File brightway2/proxies/sparse.py

+# -*- coding: utf-8 -*
+import numpy as np
+import scipy.sparse
+import unittest
+from . import ArrayProxy
+
+
+class SparseMatrixProxy(ArrayProxy):
+    """
+Provides a dictionary-based interface from database row ids to array indices 
+for sparse matrices. Does not assume a certain sparsity structure.
+    """
+    def __init__(self, data, row_dict, col_dict, *args, **kwargs):
+        self.row_dict = row_dict
+        self.col_dict = col_dict
+        self.data = data
+        try:
+            self.format = self.data.getformat()
+        except AttributeError:
+            raise TypeError("Must pass a Scipy sparse matrix")
+
+    def __getitem__(self, *args):
+        assert len(args) == 1
+        x = self.translate(args[0][0], "row")
+        y = self.translate(args[0][1], "col")
+
+        if x == slice(None) or y == slice(None):
+            raise NotImplementedError("SparseMatrixProxy doesn't support " + \
+                "slices; use CompressedSparseMatrixProxy for slices")
+        return self.data.__getitem__((x, y),)
+
+    def __setitem__(self, *args):
+        assert len(args) == 2
+        x = self.translate(args[0][0], "row")
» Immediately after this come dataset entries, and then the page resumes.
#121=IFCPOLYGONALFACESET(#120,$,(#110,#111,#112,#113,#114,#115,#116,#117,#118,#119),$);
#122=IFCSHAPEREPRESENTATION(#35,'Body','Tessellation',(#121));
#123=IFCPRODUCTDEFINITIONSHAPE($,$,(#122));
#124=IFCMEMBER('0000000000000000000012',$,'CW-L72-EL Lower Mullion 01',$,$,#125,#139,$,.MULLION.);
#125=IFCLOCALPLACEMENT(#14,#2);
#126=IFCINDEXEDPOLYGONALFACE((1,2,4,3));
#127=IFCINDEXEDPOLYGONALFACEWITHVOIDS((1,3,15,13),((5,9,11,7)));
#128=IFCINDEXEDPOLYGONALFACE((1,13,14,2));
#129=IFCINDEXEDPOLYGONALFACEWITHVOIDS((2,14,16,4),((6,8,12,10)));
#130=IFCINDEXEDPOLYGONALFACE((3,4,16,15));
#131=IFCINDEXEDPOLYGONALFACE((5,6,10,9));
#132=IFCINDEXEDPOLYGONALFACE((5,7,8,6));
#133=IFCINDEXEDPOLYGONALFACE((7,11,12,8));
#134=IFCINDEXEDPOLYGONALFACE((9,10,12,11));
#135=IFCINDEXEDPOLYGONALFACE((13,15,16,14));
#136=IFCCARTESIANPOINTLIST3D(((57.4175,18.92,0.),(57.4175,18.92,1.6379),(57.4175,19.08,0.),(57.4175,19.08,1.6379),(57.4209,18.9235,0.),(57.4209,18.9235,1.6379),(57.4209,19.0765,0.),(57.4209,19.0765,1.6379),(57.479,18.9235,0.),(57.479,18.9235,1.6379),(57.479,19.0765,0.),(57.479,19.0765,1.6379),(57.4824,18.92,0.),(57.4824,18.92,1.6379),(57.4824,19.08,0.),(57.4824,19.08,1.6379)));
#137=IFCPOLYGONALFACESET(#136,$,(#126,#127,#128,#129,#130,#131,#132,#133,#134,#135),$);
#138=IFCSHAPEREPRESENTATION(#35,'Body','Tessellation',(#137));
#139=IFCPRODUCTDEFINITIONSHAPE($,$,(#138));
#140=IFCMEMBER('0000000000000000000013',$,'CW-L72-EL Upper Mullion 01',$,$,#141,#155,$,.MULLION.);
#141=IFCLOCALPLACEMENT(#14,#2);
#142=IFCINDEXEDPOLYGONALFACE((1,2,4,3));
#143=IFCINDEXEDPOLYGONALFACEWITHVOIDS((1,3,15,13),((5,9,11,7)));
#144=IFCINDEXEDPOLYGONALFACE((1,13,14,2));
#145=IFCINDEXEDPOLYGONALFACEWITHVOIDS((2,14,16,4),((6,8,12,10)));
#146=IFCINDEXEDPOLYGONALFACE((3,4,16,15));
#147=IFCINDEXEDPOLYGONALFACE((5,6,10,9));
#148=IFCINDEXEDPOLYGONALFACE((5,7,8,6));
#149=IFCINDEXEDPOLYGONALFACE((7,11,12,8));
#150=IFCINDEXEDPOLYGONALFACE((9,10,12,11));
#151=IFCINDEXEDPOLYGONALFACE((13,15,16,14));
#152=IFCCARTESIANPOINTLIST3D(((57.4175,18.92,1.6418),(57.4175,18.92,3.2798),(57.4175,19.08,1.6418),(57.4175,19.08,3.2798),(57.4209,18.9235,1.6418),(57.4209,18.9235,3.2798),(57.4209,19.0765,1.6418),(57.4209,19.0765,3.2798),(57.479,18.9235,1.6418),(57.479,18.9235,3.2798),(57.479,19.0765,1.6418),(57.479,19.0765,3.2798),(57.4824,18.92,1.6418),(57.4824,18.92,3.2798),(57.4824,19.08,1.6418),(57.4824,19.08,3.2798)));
+        y = self.translate(args[0][1], "col")
+
+        if x == slice(None) or y == slice(None):
+            raise NotImplementedError, "SparseMatrixProxy doesn't support " +\
+                "assignment by slice"
+        self.data.__setitem__((x,y), args[1])
+
+    def get_row_as_dict(self, row):
+        raise NotImplementedError, "Use CompressedSparseMatrixProxy for " + \
+            "dictionary matrix slices"
+
+    def get_col_as_dict(self, col):
+        raise NotImplementedError, "Use CompressedSparseMatrixProxy for " + \
+            "dictionary matrix slices"
+
+    def toarray(self):
+        return self.data.toarray()
+
+    def todense(self):
+        return self.data.todense()
+
+    @property
+    def nnz(self):
+        # Used to use getnzmax, but that seems to be missing from newest scipy
+        return self.data.getnnz()
+
+
+class CompressedSparseMatrixProxy(SparseMatrixProxy):
+    """
+Subclass of SparseMatrixProxy for CSR (comma separated row) or CSC (comma 
+separated column) matrices.
+
+This class will create, on demand, the complementary matrix type (e.g. CSC for 
+CSR) for efficient slicing and multiple assignment. If a matrix is changed, a 
+*dirty* flag is set that tells the class to re-create the complementary matrix 
+before accessing its information. All updates to complementary matrices are 
+lazy.
+    """
+
+    __slots__ = ['row_dict', 'col_dict', 'format', 'dirty', '_csr', '_csc']
+
+    def __init__(self, data, row_dict, col_dict, *args, **kwargs):
+        self.row_dict = row_dict
+        self.col_dict = col_dict
+        self.dirty = True
+        # try:
+        self.format = data.getformat()
+        if self.format == "csc":
+            self._csc = data
+        else:
+            self._csr = data.tocsr()
+            self.format = "csr"
+
+    def __getitem__(self, *args):
+        assert len(args) == 1
+        x = self.translate(args[0][0], "row")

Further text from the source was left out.